Я не понимал, что происходит, и, желая подбодрить Товарища Капитана, как-то раз включил для него рацию.
— Из-да-ле-ка дол-го течет река-а Волга-а, — долетел откуда-то из глубины радиоэфира, наполненного воем, хрипом и писком морзянки, сердечный женский голос.
Течет река Волга, конца и края нет…
Среди снегов бе-елых, среди хлебов спелых
Течет моя Волга-а, а мне семнадцать…
Борисыч, возившийся внутри меня, перестал звенеть инструментом и изумленно вытаращился на рацию. Потом из груди его вырвался вздох, голова опустилась, он вслушивался в слова песни…
Сказала мать: «Бывает все, сынок.
Быть может, ты устанешь от дорог.
Когда домой придешь в конце пути —
Свои ладони в Волгу опусти»…
…и в томящий припев:
Изда-алека до-олго течет река Волга,
Течет река Волга-а, конца и края не-ет…
7
И вот наступил день, когда Борисыч в новеньком комбинезоне, схваченном портупеей, кожаном («гастрольном», как он называл) шлеме встал передо мной. За последнее время Товарищ Капитан тоже похудел, осунулся, и в глазах его, обычно спокойных, появился какой-то шальной блеск.
— Ну, брат Танчик, — тихо, мне одному, сказал он, — не подкачай…
— Не подкачаю, брат Товарищ Капитан, — хотелось мне сказать в ответ.
Но говорить я не умел. Только включил рацию, и усталый печальный голос запел:
Мы сами открыли ворота, мы сами
Счастливую тройку впрягли!
И вот уже что-то сияет пред нами,
Но что-то погасло вдали-и…
Однако Борисыч принахмурился, и я рацию выключил.
— То-то, — буркнул он, украдкой оглядываясь.
Взявшись рукой за скобу на моем плече, мой опекун вдруг отстранился и внимательно взглянул мне в глаза.

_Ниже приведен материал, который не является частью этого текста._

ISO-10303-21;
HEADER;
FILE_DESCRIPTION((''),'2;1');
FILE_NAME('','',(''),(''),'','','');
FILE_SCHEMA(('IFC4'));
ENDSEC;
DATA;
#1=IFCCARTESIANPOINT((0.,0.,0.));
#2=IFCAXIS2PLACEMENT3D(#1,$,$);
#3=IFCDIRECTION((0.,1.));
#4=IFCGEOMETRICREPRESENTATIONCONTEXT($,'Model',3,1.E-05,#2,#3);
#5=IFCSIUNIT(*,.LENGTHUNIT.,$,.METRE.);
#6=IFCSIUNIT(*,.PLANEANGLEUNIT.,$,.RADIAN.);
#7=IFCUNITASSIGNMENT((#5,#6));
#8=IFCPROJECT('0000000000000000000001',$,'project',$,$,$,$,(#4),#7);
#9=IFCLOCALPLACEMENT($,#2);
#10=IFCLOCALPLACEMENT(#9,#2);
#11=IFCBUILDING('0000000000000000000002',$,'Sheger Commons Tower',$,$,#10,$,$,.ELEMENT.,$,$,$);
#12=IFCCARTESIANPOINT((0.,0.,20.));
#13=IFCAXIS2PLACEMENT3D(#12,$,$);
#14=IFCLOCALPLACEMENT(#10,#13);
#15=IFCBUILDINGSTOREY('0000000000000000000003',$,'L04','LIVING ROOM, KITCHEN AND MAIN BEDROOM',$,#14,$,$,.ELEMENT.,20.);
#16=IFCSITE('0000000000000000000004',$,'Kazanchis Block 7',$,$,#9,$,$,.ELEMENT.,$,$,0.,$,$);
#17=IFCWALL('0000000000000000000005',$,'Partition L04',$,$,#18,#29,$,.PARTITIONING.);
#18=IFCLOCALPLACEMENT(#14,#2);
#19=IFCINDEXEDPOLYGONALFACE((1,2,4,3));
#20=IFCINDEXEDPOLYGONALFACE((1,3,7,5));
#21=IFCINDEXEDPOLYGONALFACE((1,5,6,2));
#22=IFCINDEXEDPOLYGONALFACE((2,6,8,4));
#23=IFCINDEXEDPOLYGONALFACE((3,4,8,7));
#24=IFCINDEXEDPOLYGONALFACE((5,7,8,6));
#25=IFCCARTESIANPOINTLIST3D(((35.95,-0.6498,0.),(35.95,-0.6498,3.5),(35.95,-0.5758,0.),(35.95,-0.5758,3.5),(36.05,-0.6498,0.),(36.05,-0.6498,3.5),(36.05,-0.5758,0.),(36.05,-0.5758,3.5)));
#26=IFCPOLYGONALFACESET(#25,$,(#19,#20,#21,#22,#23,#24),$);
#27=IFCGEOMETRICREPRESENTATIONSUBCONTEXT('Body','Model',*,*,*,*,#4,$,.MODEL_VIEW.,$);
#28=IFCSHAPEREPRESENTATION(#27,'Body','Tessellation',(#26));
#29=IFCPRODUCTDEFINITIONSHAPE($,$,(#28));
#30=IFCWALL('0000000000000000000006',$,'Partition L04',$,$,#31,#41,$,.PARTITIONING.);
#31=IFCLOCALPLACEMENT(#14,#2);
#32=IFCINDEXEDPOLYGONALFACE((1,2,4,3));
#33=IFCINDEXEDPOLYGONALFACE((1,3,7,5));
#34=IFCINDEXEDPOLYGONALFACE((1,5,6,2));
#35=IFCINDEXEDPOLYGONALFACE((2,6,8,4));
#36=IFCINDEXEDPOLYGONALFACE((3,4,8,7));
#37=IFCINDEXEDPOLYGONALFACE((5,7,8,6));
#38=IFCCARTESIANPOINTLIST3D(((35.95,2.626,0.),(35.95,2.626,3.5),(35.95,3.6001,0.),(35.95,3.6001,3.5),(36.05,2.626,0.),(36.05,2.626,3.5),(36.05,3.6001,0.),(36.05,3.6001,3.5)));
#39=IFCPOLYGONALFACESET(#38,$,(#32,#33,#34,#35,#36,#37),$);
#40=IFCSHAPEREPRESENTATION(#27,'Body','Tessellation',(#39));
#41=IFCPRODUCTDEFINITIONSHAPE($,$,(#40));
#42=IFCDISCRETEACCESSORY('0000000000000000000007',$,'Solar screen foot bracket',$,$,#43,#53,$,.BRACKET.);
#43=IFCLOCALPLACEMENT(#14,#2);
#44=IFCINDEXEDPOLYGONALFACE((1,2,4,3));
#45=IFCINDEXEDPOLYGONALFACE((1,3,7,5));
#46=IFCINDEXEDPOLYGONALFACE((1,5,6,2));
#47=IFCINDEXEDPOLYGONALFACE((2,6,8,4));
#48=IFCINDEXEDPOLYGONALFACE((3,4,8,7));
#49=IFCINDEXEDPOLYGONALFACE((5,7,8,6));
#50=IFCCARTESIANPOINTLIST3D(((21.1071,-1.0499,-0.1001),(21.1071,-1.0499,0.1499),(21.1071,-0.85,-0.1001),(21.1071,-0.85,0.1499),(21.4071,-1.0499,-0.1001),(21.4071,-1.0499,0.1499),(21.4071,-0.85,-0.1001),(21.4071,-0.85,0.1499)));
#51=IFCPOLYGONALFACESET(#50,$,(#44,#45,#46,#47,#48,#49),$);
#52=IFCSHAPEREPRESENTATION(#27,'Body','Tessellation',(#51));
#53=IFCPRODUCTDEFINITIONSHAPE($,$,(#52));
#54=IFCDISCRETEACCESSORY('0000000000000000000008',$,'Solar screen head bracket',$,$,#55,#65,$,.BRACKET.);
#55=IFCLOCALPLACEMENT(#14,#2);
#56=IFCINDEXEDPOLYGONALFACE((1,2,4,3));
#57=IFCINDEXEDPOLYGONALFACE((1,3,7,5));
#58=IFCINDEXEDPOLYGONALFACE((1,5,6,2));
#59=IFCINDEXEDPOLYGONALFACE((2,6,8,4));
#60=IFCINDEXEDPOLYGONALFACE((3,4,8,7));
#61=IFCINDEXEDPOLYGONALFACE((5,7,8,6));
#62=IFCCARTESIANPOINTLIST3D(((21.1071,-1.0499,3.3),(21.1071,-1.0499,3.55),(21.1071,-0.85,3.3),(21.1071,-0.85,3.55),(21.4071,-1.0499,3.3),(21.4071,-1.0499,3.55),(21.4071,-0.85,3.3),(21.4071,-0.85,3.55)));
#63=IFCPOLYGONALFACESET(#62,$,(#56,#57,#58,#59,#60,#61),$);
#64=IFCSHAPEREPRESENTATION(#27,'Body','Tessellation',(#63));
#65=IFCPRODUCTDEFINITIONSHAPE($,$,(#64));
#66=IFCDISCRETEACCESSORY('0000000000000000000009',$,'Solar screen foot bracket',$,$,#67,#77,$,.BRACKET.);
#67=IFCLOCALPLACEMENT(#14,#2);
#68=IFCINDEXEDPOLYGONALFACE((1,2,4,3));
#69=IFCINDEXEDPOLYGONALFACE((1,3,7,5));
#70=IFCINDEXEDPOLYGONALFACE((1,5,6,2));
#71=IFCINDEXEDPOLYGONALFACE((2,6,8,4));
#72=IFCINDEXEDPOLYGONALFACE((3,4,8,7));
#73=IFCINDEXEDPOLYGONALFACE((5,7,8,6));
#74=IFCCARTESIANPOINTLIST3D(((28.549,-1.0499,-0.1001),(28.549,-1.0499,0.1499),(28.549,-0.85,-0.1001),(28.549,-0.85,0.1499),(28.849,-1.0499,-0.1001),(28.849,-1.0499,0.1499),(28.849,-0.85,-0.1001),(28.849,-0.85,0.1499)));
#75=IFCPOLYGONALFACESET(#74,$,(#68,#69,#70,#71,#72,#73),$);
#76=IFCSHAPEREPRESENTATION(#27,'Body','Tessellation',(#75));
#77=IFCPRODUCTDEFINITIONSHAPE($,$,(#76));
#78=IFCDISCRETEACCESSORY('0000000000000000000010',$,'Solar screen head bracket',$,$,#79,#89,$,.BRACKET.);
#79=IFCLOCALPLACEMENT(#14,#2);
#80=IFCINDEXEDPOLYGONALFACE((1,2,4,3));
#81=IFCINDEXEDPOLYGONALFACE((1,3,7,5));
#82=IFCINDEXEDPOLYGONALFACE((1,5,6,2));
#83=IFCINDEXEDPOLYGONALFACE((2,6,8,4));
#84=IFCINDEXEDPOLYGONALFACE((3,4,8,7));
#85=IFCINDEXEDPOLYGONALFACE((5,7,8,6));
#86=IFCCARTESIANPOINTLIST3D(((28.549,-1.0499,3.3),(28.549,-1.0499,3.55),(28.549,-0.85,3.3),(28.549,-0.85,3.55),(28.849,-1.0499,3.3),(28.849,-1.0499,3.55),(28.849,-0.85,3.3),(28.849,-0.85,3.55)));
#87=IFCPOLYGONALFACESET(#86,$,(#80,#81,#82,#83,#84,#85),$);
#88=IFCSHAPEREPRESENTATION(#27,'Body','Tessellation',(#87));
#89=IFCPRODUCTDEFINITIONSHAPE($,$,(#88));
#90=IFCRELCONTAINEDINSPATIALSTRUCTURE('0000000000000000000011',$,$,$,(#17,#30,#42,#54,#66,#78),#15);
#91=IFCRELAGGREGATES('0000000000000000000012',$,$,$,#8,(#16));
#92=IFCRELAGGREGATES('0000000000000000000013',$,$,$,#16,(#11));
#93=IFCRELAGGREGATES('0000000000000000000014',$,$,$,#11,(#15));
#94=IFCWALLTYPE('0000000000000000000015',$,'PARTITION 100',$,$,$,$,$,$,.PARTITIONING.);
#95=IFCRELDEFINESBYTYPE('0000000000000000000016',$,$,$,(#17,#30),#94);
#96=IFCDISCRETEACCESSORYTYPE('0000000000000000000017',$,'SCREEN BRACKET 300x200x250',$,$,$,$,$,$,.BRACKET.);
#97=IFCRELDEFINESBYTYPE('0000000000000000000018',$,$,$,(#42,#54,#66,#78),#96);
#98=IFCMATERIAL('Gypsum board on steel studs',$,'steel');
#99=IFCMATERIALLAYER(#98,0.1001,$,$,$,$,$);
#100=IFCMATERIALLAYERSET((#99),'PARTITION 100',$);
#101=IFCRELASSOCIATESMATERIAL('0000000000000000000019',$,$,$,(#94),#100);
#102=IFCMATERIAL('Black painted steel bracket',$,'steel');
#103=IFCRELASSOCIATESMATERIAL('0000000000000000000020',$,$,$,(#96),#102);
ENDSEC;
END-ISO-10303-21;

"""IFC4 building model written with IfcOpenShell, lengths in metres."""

from ifc_helpers import new_model, si_unit, direction, frame, frame_2d, origin, origin_2d, place, context, subcontext, project, spatial, rectangle, extrude, material, layer, layer_set, type_object, element, save


model = new_model("IFC4")

# Units and contexts
model_context = context("Model", 3, precision=1e-05, world=origin(), true_north=direction((0.0, 1.0)))
body_context = subcontext(model_context, "Body", "Model", "MODEL_VIEW")
ifc_project = project(units=[si_unit("LENGTHUNIT", "METRE"), si_unit("PLANEANGLEUNIT", "RADIAN")], contexts=[model_context])

# Site, building, storey
site_placement = place(None, origin())
site = spatial("IfcSite", under=ifc_project, at=site_placement, Name="Kazanchis Block 7", CompositionType="ELEMENT", RefElevation=0.0)
building_placement = place(site_placement, origin())
building = spatial("IfcBuilding", under=site, at=building_placement, Name="Sheger Commons Tower", CompositionType="ELEMENT")
storey_placement = place(building_placement, frame((0.0, 0.0, 20.0)))
storey = spatial("IfcBuildingStorey", under=building, at=storey_placement, Name="L04", Description="LIVING ROOM, KITCHEN AND MAIN BEDROOM", CompositionType="ELEMENT", Elevation=20.0)

# Shared definitions
ifc_material_1 = material(Name="Gypsum board on steel studs", Category="steel")
ifc_layer_1 = layer(ifc_material_1, 0.1001)
ifc_layer_set_1 = layer_set([ifc_layer_1], Name="PARTITION 100")
wall_type_1 = type_object("IfcWallType", Name="PARTITION 100", PredefinedType="PARTITIONING", material=ifc_layer_set_1)

# Walls
wall_1_placement = place(storey_placement, frame((36.0, -0.6499, 0.0), z_axis=(0.0, 0.0, 1.0), x_axis=(0.0, 1.0, 0.0)))
element("IfcWall", 1, at=wall_1_placement, inside=storey, type_object=wall_type_1, Name="Partition L04", PredefinedType="PARTITIONING", context=body_context, shape_type="SweptSolid", body=[
    extrude(rectangle(XDim=0.074, YDim=0.1001, at=frame_2d((0.0371, 0.0))), origin(), (0.0, 0.0, 1.0), 3.5),
])
wall_2_placement = place(storey_placement, frame((36.0, 2.626, 0.0), z_axis=(0.0, 0.0, 1.0), x_axis=(0.0, 1.0, 0.0)))
element("IfcWall", 2, at=wall_2_placement, inside=storey, type_object=wall_type_1, Name="Partition L04", PredefinedType="PARTITIONING", context=body_context, shape_type="SweptSolid", body=[
    extrude(rectangle(XDim=0.9741, YDim=0.1001, at=frame_2d((0.4871, 0.0))), origin(), (0.0, 0.0, 1.0), 3.5),
])

# Discrete accessories
ifc_material_2 = material(Name="Black painted steel bracket", Category="steel")
discrete_accessory_type = type_object("IfcDiscreteAccessoryType", Name="SCREEN BRACKET 300x200x250", PredefinedType="BRACKET", material=ifc_material_2)
for number, where, z_axis, x_axis, name in (
    (3, (21.2571, -0.95, -0.1001), (0.0, 0.0, 1.0), (1.0, 0.0, 0.0), "Solar screen foot bracket"),
    (4, (21.2571, -0.95, 3.3), (0.0, 0.0, 1.0), (1.0, 0.0, 0.0), "Solar screen head bracket"),
    (5, (28.699, -0.95, -0.1001), (0.0, 0.0, 1.0), (1.0, 0.0, 0.0), "Solar screen foot bracket"),
    (6, (28.699, -0.95, 3.3), (0.0, 0.0, 1.0), (1.0, 0.0, 0.0), "Solar screen head bracket"),
):
    element("IfcDiscreteAccessory", number, at=place(storey_placement, frame(where, z_axis=z_axis, x_axis=x_axis)), inside=storey, type_object=discrete_accessory_type, Name=name, PredefinedType="BRACKET", context=body_context, shape_type="SweptSolid", body=[
        extrude(rectangle(XDim=0.3, YDim=0.2, at=origin_2d()), origin(), (0.0, 0.0, 1.0), 0.25),
    ])

save(model, "model.ifc")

— Какой-то ты все-таки странный, — услышал я, и, отвернувшись, Товарищ Капитан скользнул в люк.
…Уже знакомые мне майор, заряжающий и радист (наше знакомство состоялось за несколько дней перед этим) точно в таких же, как у Борисыча, черных комбинезонах вслед за ним разместились во мне, как патроны в обойме.
И ворота напротив меня, как в той песне, начали медленно открываться, впуская в гулкий сумрак ангара брызги солнца, утреннюю тишину.
Я тронулся с места, процокав по бетонному полу, выкатился из ворот в мягкую, толстым слоем покрывавшую округу пыль.
Протрусил вдоль заросшего камышами пруда, где затевали концерт лягушки, свернул направо, прокрутил назад метров двести вымощенной булыжником дороги и очутился перед черно-белым полосатым шлагбаумом.
За ним лежала шахматная доска директрисы, с расставленными на ней различного достоинства фигурами.
…Руки Борисыча, лежащие на рычагах, вдруг взмокли. Его волнение передалось мне…
Я украдкой кинул взгляд влево, туда, где в отдалении возвышалась над полем свежепобеленная наблюдательная вышка. Я мог различить не только каждого из столпившихся на ней людей, но далее бритвенный порез, залепленный пропитавшейся кровью бумажкой, на щеке у маршала, скрючившегося перед стереотрубой.